Community Schools, Democracy, and Second Chances
A Conversation with Dr. Karen Hunter Quartz and Dr. Marisa Saunders





At the UCLA Center for Community Schooling, our work begins with a simple belief: public schools matter—not just as places where learning happens, but as institutions that shape democracy, opportunity, and belonging. In a recently published chapter, co-authored by our colleagues Jorge Ruiz de Velasco and Milbrey McLaughlin at the John W. Gardner Center for Youth and Their Communities at Stanford University, we examined the evolving role of community schools alongside public alternative schools. Often overlooked, these schools serve young people who have been pushed to the margins of traditional schooling.
Below, co-authors Karen Hunter Quartz and Marisa Saunders reflect on the core ideas lifted in the article. In conversation, they explore what community schooling offers, how alternative schools fit into the picture, and why steady, democratic reform matters now more than ever.
This chapter is featured in 2nd edition of the AERA Handbook of Education Policy Research. The full chapter is available here.
Karen: If we’re talking about community schools, the place to start is with purpose. Community schooling isn’t just a strategy—it’s an idea about what public education is for.
Marisa: Exactly. Community schools are grounded in the belief that schools are social institutions, deeply embedded in their neighborhoods. They’re accountable not just for academic outcomes, but for supporting young people’s full development and strengthening the communities they serve.
Karen: That idea has a long history—from John Dewey’s vision of schools as social centers, through the Civil Rights era, to today’s organizing by families, educators, and students responding to school closures, privatization, and chronic underinvestment.
Marisa: It is also important to say what community schools are not. They’re not an escape from public education or a workaround for systemic problems. They’re an effort to strengthen public schooling by centering shared responsibility, local voice, and democratic participation.
Karen: That matters because, over the past few decades, the dominant story about “alternatives” in education has shifted. Alternatives have increasingly been framed as choices in a marketplace—exit options for individual families.
Marisa: Community schools challenge that framing. They insist that public education is a common good, not a consumer good—and that schools should serve democracy, not markets.

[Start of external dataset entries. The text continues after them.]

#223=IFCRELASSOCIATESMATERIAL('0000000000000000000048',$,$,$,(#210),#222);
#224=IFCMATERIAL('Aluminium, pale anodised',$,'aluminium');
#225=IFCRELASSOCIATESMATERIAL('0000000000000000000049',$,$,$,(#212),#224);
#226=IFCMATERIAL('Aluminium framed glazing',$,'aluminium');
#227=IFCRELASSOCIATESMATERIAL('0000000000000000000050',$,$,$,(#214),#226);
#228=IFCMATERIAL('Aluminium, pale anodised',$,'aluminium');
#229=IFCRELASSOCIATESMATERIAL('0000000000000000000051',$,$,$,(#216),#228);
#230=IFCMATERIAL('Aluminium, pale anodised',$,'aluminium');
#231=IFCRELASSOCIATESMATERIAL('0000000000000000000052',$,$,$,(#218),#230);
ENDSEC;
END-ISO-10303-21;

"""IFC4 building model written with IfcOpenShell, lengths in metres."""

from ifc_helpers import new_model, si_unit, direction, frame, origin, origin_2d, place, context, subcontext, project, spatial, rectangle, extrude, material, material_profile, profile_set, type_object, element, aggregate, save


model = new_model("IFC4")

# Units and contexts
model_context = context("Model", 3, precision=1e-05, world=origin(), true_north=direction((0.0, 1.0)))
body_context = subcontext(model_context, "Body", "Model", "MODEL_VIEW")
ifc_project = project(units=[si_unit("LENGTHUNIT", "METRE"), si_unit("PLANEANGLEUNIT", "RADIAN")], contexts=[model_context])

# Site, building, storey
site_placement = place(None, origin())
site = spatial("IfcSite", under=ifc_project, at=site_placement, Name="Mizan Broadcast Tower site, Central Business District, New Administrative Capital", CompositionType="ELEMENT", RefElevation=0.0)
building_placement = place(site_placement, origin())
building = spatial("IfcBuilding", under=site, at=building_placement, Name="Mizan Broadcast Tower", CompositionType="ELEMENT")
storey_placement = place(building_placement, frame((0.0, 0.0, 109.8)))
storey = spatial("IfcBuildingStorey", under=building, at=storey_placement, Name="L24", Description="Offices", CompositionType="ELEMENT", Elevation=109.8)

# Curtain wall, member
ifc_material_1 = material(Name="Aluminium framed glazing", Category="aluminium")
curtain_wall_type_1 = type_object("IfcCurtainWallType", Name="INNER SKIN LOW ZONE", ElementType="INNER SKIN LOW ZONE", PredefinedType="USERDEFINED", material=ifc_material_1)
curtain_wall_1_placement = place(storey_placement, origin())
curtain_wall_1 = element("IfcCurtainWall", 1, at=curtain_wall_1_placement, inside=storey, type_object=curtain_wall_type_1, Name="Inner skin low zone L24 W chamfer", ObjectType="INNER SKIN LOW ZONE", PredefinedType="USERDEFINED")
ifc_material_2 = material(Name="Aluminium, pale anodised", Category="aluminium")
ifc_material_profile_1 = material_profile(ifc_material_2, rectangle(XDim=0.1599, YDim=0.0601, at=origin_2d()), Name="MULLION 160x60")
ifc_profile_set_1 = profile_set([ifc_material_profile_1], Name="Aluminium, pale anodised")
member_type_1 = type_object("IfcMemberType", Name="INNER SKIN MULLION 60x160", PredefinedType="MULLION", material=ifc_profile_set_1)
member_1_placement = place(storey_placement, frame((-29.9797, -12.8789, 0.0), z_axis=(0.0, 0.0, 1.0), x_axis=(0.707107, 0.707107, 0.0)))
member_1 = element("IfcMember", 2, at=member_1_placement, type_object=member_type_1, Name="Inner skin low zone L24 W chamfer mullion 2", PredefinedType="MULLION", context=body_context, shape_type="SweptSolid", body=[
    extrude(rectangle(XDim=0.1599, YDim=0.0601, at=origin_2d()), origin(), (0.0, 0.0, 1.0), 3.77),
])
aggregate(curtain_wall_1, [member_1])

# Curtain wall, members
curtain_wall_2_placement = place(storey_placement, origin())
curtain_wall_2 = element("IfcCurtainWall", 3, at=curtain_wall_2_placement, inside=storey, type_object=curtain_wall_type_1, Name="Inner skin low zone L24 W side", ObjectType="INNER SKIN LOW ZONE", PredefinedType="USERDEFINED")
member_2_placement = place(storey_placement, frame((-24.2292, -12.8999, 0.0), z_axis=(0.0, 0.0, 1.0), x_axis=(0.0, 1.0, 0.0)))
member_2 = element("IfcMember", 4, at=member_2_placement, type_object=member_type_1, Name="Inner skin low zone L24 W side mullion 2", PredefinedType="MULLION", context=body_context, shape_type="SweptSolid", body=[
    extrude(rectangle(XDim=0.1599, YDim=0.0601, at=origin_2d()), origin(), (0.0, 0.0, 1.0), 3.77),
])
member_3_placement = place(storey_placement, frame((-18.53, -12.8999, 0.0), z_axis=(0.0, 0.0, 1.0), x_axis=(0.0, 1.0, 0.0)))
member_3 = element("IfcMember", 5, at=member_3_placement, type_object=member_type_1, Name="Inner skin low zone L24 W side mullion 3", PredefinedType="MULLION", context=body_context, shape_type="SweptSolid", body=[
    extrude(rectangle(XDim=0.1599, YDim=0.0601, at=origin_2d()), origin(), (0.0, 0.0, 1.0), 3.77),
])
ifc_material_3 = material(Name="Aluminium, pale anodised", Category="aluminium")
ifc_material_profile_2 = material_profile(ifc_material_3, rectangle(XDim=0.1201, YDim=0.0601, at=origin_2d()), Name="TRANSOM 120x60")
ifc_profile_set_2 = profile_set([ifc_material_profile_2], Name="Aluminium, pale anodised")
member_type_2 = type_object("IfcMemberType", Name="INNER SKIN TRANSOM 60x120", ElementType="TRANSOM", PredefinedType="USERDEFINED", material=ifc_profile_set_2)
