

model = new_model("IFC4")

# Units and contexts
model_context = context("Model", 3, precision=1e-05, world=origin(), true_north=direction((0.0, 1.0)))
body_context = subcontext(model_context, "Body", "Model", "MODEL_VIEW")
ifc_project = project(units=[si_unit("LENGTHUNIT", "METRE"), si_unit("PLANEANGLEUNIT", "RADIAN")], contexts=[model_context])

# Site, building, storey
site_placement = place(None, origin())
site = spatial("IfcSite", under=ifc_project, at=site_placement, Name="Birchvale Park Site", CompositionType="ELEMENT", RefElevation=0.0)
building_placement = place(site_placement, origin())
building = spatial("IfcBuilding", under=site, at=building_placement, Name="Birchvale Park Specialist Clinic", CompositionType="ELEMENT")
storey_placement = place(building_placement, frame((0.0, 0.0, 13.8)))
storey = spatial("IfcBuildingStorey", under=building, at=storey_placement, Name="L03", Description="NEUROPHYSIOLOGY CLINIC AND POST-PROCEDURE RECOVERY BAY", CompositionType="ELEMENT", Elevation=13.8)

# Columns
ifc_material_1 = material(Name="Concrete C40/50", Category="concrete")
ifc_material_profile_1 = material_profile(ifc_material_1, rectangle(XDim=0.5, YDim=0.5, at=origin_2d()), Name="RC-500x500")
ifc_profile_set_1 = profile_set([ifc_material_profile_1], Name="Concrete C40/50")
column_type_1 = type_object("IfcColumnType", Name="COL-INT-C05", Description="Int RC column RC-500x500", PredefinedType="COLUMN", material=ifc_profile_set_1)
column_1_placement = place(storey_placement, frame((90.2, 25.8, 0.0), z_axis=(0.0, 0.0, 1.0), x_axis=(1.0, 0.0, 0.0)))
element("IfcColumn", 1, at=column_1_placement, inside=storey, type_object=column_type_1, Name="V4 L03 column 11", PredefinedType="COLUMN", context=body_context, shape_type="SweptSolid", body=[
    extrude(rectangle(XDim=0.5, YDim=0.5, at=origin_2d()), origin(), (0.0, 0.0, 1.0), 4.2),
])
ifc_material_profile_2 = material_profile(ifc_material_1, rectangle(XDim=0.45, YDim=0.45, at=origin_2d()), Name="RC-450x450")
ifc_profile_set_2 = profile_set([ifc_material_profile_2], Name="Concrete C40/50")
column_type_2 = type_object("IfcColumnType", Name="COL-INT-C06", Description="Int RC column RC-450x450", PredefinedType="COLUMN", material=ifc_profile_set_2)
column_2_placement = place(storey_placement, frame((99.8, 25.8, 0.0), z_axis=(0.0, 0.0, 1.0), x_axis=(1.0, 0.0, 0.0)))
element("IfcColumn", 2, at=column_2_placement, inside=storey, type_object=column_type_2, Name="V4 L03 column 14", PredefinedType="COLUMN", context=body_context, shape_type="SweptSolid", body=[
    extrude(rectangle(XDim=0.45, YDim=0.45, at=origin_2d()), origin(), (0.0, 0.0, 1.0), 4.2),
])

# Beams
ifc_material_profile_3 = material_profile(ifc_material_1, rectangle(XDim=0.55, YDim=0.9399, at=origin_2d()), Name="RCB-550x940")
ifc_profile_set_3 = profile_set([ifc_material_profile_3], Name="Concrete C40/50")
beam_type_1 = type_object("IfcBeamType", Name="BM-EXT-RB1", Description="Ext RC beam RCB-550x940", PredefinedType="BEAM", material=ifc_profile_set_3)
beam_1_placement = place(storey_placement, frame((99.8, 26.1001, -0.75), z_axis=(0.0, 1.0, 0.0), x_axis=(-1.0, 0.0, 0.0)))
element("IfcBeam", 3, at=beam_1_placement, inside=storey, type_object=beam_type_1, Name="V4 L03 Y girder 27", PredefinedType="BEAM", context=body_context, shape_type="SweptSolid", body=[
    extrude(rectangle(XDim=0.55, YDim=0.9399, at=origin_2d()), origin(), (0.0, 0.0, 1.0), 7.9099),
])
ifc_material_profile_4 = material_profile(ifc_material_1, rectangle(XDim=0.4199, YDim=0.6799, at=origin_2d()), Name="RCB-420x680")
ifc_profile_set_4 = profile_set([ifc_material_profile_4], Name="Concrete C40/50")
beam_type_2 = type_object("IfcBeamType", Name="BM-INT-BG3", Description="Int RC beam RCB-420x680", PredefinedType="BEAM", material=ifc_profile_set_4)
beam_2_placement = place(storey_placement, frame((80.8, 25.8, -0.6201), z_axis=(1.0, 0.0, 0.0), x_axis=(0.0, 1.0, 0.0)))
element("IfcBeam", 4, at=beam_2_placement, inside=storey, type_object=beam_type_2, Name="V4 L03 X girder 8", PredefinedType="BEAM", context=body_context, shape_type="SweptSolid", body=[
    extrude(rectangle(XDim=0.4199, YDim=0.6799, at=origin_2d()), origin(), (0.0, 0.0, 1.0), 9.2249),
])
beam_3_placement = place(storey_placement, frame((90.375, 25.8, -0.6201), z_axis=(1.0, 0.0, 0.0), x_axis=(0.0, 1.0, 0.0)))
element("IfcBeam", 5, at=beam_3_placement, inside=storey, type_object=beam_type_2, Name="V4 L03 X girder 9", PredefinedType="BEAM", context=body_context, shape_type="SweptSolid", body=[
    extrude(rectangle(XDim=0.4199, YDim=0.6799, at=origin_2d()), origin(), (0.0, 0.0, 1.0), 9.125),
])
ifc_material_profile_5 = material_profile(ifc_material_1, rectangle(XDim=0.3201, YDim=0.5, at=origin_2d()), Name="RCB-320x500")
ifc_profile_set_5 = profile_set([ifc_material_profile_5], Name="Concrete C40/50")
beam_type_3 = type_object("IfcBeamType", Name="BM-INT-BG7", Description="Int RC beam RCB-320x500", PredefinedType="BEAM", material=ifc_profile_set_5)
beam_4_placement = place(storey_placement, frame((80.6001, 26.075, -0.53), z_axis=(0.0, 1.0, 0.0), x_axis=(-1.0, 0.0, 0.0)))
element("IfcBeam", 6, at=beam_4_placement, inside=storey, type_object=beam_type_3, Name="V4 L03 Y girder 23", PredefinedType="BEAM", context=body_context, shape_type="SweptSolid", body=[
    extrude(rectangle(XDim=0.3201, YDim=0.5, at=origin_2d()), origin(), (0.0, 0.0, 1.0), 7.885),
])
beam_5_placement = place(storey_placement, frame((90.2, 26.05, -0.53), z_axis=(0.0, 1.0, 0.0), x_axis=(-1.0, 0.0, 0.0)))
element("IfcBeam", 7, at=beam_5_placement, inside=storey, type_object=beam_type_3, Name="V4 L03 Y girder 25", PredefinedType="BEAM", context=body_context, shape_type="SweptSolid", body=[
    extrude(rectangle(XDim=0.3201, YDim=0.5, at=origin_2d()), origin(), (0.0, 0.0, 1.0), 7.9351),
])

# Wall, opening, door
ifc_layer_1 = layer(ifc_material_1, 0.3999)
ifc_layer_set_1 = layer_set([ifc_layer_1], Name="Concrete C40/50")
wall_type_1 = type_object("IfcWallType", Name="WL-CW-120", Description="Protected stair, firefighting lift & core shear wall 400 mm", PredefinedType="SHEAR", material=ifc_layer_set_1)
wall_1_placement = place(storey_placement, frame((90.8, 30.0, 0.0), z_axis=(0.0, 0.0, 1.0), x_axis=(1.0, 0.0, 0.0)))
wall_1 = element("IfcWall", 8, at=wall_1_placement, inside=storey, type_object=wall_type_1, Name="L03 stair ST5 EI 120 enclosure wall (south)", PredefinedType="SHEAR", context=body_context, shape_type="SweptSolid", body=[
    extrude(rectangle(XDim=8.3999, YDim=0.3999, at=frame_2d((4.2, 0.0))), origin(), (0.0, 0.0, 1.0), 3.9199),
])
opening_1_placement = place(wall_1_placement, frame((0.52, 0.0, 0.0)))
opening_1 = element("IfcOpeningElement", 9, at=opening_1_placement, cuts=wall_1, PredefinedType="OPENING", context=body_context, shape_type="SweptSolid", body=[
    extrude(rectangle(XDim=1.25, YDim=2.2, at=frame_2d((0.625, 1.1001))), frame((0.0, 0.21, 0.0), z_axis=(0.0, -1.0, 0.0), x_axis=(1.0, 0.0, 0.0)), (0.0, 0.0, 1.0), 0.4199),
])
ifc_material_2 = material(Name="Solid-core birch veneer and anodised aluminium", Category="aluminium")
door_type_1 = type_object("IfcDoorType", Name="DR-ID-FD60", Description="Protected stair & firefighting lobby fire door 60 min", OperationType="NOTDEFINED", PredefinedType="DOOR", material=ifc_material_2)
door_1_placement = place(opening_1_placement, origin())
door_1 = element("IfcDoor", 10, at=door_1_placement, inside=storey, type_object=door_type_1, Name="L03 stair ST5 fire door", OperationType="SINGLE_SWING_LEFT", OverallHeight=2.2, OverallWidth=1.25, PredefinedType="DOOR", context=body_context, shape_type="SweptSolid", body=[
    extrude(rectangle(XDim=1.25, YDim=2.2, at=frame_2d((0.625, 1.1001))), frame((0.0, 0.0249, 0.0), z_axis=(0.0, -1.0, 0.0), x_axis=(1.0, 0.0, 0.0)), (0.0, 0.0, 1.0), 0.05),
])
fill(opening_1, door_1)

Karen: In the article, we explore this idea by pairing community schools with another set of institutions that receive far less attention: second-chance alternative schools serving over-aged, under-credited, system-involved, or otherwise marginalized youth.
Marisa: Historically, these schools emerged from very different assumptions. Unlike community schools, which grew out of bottom-up struggles for inclusion and control, second-chance schools were often created from the top down—to manage students who didn’t fit the rigid four-year, age-graded model of schooling.
Karen: Too often, that translated into lower expectations and fewer resources. In the worst cases, these schools became places of containment rather than opportunity.
Marisa: But one of our key arguments is that, over time, these two models have begun to converge in practice—especially as educators confront the real conditions shaping students’ lives.
Karen: That’s where a youth-sector perspective comes in. Learning doesn’t happen in isolation. It’s shaped by housing insecurity, health, trauma, immigration status, caregiving responsibilities, and access to meaningful opportunities.
Marisa: Community schools respond by integrating supports—health services, mental health care, expanded learning time, and family partnerships—rather than treating those needs as distractions from learning.
Karen: And many second-chance schools, at their best, do the same. They create flexible schedules, personalized pathways, strong relationships with adults, and connections to postsecondary education and work-based learning.
Marisa: This approach aligns closely with what we know from the science of learning and development. Research shows that relationships, belonging, and agency are not peripheral to learning—they’re foundational.
Karen: Which also means rethinking accountability. If learning is developmental and deeply contextual, then success can’t be reduced to a single test score or a fixed timeline to graduation.
Marisa: We argue for accountability that’s grounded in local knowledge and real outcomes: growth, persistence, meaningful transitions, and long-term opportunity.
Karen: That kind of accountability is democratic. It shifts power toward educators, families, students, and communities—the people closest to the work.
Marisa: But community schools aren’t automatically transformative. Without sustained investment, capacity-building, high expectations, and attention to power and equity, they can reproduce the same inequalities they aim to disrupt.
Karen: Which is why we end with a focus on what we call steady work.
Marisa: Not constant reform churn. Not the next shiny initiative. But long-term investment in educators, relationships, trust, and local capacity.
Karen: Community schooling is steady work. It’s slow, relational, and deeply human—and that’s precisely why it holds so much promise.
Marisa: At a time when education is increasingly treated as a private good, community schools remind us of another tradition: one where education is a shared project, democracy is learned through participation, and second chances are a collective responsibility.
Suggested Citation: Quartz, K. H., Ruiz de Velasco, J. Saunders, M., & McLaughlin M.W. (2026). Community and Alternative School Policies. In L. Cohen-Vogel, P. Youngs, & J. Scott (Eds.) Handbook of Education Policy Research, 2nd Edition. (pp. 483–500). American Educational Research Association.